Looking to find floorplans for other than current models. Is there a place where they might be posted together or does anybody have any suggestions on how to find?

Thanks.


----------



## Grandview Trailer Sa (Jan 28, 2007)

Re: Floorplans

I think you need to clarify what you are looking for.  Sorry, but I for one, do not understand.


----------



## Texas_Camper (Jan 28, 2007)

Re: Floorplans

First, decide on which RV you're interested in.  Then contact the factory to see if they have any old brochures or other info....


----------



## hertig (Jan 29, 2007)

Re: Floorplans

There is no place where all or even most old floorplans are archived.  Each manufacturer may or may not have old models on their web site or have brochures for them.  Some manufacturers 'never' change their floor plans so the current ones may be close enough.  You're going to have to do this manufacturer by manufacturer.

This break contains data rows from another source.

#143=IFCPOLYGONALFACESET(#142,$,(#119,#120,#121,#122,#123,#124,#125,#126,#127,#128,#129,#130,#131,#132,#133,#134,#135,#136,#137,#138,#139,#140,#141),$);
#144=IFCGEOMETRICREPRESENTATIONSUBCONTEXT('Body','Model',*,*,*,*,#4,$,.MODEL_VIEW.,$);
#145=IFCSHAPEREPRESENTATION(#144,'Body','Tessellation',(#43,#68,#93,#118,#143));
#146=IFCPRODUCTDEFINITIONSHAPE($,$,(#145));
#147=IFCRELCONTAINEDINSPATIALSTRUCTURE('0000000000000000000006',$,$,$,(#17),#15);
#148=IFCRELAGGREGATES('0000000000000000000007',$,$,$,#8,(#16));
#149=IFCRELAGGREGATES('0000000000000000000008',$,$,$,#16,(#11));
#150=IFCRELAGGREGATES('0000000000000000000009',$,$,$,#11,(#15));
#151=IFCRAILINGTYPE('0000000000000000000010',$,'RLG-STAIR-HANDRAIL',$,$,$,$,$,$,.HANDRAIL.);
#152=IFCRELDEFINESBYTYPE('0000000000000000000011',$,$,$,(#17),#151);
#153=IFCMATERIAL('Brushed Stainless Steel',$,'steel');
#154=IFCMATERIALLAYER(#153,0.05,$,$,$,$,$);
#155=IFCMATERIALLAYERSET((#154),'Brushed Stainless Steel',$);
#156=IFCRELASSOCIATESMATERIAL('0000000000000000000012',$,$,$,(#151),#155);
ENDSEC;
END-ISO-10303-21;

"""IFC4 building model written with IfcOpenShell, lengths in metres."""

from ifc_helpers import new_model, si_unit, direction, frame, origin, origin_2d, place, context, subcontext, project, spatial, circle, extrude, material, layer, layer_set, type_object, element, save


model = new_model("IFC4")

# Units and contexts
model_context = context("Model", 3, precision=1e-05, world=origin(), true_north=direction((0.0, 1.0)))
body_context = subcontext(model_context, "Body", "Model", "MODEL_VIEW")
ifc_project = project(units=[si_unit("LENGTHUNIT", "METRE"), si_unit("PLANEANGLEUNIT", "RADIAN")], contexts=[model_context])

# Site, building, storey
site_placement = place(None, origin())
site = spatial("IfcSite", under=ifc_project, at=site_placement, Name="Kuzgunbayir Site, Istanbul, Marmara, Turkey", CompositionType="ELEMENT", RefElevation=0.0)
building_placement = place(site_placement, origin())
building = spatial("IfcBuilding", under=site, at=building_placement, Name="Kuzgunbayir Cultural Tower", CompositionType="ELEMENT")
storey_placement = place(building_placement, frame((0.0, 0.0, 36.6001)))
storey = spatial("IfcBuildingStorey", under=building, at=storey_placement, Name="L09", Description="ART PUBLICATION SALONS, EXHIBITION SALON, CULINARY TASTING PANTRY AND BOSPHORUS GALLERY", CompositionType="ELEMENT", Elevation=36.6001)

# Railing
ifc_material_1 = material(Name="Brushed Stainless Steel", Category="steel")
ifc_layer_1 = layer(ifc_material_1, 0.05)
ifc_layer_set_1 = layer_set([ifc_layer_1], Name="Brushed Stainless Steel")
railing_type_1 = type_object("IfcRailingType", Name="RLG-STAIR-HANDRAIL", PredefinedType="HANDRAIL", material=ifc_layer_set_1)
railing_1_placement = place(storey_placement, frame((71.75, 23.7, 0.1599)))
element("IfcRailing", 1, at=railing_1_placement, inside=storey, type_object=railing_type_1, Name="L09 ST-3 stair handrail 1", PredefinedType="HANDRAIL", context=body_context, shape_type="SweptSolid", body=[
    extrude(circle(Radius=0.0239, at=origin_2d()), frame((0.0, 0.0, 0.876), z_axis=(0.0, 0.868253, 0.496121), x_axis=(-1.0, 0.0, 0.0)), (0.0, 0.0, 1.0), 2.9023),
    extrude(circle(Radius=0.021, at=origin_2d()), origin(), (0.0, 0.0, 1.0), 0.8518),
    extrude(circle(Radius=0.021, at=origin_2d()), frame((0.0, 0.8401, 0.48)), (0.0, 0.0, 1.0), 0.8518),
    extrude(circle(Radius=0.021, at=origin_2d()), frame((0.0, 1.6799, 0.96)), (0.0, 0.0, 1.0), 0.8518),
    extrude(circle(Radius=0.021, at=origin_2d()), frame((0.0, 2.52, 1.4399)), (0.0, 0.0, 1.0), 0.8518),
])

Why do you care about 'old' floorplans anyway?


----------



## DonWin (Jan 29, 2007)

Re: Floorplans

Thanks for your replies. My wife and I are considering purchasing a unit but expect we will make a mistake or two in getting what we finally want so we need to keep the cost down while we funble around. We figure we can get more motorhome for the money by buying used. 

We've got an idea of what we'd like. We're thinking about full-timimg it so we think we will need about 36 to 40 feet and probably a diesel pusher. Our wish list in approximate descending order of importance would include features like plenty of counter space for a working kitchen, an enclosed head separate from the shower and sink, a bedroom with windows (tv not necessary), provisions for a washer/dryer, a main TV (or couch) location that doesn't require twisting sideways. We believe we would prefer a center entry, mainly because we would like to have something other than carpet from the main door to the kitchen and head. We'd prefer fixed furniture with storage rather than loose chairs. We don't think we need a great deal of space so we have little need for slideouts unless they have a positive effect on the primary items we have listed. Other than that, the rest is pretty much negotiable. 

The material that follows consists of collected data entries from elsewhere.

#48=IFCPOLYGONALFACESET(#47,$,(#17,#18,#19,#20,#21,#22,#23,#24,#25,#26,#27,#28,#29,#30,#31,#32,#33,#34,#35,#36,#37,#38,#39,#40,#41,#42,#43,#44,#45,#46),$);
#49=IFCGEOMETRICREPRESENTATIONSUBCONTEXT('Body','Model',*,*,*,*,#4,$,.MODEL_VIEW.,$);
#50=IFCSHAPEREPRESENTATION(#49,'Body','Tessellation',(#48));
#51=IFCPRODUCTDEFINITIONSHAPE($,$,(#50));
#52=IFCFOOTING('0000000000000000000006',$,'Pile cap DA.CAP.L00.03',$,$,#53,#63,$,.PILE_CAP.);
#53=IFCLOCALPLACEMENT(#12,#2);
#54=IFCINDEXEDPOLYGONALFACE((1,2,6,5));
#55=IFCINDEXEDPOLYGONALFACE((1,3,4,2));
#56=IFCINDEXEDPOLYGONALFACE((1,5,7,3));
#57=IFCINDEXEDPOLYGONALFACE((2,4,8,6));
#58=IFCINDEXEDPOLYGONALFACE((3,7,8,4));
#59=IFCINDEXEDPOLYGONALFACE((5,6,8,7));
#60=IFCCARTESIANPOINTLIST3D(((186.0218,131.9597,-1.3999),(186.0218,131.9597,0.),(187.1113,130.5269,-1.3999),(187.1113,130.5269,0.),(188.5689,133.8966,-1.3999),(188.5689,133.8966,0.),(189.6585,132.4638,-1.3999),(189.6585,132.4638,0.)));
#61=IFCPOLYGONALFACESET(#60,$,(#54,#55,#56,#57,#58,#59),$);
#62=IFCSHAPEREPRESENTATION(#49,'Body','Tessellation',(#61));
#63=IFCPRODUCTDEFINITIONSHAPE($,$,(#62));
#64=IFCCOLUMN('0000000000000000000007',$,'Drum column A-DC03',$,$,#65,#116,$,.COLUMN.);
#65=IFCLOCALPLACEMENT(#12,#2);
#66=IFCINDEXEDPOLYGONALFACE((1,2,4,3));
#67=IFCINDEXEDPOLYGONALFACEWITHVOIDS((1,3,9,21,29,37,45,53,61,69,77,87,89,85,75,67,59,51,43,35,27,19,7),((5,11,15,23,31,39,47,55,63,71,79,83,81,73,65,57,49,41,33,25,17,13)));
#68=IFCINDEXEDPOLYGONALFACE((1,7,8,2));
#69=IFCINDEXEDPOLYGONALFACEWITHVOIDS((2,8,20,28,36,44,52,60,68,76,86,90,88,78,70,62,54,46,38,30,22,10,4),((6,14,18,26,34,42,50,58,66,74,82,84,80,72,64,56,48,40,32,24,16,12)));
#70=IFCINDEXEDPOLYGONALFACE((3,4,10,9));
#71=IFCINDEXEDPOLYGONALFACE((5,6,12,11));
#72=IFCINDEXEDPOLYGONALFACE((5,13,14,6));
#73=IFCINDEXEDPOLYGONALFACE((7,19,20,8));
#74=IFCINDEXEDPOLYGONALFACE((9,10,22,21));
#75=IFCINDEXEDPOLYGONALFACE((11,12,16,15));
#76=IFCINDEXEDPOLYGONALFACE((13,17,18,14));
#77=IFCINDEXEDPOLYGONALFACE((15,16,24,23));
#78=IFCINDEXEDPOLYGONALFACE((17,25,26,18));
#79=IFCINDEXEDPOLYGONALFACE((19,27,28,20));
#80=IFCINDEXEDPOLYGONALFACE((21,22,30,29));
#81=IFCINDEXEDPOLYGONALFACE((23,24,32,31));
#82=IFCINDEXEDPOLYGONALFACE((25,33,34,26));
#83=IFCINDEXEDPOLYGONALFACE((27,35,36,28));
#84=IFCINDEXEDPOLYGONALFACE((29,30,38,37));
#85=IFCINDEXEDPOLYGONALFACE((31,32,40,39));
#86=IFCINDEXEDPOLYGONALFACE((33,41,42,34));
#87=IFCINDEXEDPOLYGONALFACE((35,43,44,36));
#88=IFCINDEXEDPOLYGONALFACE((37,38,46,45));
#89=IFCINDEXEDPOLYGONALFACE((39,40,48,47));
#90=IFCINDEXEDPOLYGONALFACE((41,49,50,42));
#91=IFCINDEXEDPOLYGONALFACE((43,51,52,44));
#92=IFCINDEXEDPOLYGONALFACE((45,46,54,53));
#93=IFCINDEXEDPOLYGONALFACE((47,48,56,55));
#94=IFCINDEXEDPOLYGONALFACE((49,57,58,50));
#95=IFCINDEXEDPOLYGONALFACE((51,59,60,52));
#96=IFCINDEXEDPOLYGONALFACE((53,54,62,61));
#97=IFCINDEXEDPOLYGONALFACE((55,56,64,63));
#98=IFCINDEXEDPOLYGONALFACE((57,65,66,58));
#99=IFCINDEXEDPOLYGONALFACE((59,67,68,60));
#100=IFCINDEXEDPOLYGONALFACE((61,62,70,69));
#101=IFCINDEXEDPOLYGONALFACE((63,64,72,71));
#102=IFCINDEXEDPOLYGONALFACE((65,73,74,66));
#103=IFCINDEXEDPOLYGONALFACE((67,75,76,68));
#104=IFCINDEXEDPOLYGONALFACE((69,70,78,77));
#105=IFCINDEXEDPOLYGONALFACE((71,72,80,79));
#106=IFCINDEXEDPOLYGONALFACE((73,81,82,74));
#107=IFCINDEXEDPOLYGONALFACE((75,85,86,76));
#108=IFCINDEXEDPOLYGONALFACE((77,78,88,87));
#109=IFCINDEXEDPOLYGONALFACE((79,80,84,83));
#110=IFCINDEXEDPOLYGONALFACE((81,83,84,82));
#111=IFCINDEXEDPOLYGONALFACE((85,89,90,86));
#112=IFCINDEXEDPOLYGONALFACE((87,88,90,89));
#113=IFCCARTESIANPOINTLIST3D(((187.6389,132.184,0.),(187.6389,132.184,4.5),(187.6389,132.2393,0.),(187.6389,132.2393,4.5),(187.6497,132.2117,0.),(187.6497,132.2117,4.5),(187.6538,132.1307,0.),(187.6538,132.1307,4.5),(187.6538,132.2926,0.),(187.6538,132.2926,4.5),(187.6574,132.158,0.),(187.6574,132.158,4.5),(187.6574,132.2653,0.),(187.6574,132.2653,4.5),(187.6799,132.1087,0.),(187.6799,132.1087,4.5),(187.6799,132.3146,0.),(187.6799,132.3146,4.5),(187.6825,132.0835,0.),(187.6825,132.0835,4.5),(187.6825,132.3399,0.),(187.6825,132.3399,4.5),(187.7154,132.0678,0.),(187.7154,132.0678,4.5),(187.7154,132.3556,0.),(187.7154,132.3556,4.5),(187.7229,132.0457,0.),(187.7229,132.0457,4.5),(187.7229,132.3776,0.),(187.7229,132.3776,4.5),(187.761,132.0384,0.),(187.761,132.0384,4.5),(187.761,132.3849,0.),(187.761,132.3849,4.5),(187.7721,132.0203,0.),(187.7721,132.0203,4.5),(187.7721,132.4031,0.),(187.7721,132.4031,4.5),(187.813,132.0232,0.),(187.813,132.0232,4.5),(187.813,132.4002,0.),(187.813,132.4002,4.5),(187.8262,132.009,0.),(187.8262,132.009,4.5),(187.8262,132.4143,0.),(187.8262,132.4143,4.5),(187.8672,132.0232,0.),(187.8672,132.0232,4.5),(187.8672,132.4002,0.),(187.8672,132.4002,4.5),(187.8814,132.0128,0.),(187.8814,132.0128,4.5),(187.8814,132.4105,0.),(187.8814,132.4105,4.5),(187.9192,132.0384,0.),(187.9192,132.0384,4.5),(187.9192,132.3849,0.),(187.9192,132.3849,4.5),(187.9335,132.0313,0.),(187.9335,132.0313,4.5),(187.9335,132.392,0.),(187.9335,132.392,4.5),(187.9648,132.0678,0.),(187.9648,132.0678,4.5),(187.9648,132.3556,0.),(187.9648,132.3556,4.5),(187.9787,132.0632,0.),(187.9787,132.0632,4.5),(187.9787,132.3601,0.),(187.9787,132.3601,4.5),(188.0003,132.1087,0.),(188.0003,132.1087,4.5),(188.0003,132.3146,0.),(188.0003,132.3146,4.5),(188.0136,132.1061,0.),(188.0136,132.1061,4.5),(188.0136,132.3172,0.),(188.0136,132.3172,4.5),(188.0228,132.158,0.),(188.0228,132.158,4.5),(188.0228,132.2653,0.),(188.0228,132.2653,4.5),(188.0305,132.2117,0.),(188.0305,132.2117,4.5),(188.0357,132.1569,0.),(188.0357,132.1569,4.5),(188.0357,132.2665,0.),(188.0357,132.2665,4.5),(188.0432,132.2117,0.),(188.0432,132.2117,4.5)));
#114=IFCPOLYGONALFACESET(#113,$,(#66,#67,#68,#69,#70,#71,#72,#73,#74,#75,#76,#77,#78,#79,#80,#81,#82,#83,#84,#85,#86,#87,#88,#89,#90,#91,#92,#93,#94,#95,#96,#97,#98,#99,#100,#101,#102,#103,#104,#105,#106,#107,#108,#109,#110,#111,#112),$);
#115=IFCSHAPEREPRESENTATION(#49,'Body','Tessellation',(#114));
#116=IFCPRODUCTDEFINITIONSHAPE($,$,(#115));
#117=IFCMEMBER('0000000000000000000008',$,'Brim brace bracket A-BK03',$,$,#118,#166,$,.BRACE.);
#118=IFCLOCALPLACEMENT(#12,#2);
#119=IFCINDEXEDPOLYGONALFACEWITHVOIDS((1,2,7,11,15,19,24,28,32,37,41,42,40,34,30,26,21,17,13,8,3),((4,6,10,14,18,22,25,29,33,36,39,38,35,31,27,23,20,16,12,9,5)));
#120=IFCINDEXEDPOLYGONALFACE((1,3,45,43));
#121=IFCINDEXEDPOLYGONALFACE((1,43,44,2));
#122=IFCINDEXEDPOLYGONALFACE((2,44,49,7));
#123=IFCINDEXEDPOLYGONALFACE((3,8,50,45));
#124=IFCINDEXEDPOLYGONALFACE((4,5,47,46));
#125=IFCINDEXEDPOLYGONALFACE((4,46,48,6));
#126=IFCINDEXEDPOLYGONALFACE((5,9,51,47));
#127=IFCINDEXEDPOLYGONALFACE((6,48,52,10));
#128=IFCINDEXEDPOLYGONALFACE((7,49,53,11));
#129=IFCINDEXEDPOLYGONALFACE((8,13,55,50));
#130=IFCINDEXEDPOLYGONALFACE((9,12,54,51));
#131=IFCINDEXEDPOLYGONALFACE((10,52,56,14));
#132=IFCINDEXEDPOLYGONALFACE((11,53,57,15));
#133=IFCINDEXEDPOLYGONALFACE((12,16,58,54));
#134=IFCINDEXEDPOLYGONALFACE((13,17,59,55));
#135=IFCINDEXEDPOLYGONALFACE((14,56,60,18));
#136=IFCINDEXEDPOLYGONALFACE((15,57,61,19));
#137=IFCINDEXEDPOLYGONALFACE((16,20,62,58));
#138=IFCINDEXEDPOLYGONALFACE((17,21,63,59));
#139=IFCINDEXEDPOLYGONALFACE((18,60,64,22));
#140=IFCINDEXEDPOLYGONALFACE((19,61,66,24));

However, we have looked through many machines and come up with very little that does most of the above in one package so we are trying to find some way to narrow our search to specific models on which we should focus.

Any help would be appreciated.


----------



## DL Rupper (Jan 29, 2007)

Re: Floorplans

What you have described is a 5th Wheel trailer.  That is why full-timers prefer them over Motorhomes.. :approve: It is hard to find a Motorhome that does not requre twistng sideways to view the TV.  Also a his/hers recliner chair is the only way to go fulltime.  Sitting on couch to view TV is not only uncomfortable it is inhumaine. :bleh:   By the way, after you have lived in an RV for awhile, at least 2 slides will give you enough room to keep you from committing bodily harm on each other.  Unless you buy a Motorhome 5/7 years old it will be hard to find one that does not have slides.


----------



## hertig (Jan 29, 2007)

Re: Floorplans

1) Diesel pushers are great, however now is not the time to buy.  New ones have new engines required by the government, and it is possible the first few years worth will have design defects.  Old engines will have to tolerate the new Ultra Low Sulfer Diesel fuel and we don't yet know what the effects will be.  For instance, there is a rumor that ULSD eats the gasket in the fuel pump of engines like mine.  2) If you have a motorhome, you will also have to have a small car to get around.  Two maintenances, two insurances.  If you want to travel much and stay in one place not so much, a good choice.  To travel little and stay in each place for a while, less good a choice. 
3) as for your wishes:
   - plenty of counter space for a working kitchen (very, very, rare in any RV - best compromise is a cover for the stove and the sink so you can have either counter or these as appropriate)
   - an enclosed head separate from the shower and sink (fairly common in big rigs: mine not only has this, but a second sink in the same enclosure as the head which is wonderful)
   - a bedroom with windows (tv not necessary) (almost all big units, and most will have a TV or at least a place for one)
   - provisions for a washer/dryer (many of the big rigs)
   - a main TV (or couch) location that doesn't require twisting sideways (rare in older motorhome, available in some of the latest motorhomes, more common in trailers old and new)
   - a center entry, mainly because we would like to have something other than carpet from the main door to the kitchen and head (less common in diesel pushers, more common in gas motorhomes and trailers).
   - fixed furniture with storage rather than loose chairs (many will have this as an option
4) All in all, as DL says, a fifth wheel and appropriate tow vehicle will probably cost you less, give you less trouble, and more flexibility if you decide to change, have more of the stuff you want, and will be 'better' for fulltiming unless you will travel a lot and only stay in any location a day or 2.
5) slides rule.  without slides, the best you can say of the unit is that it is usable.  With slides, it can be home.


----------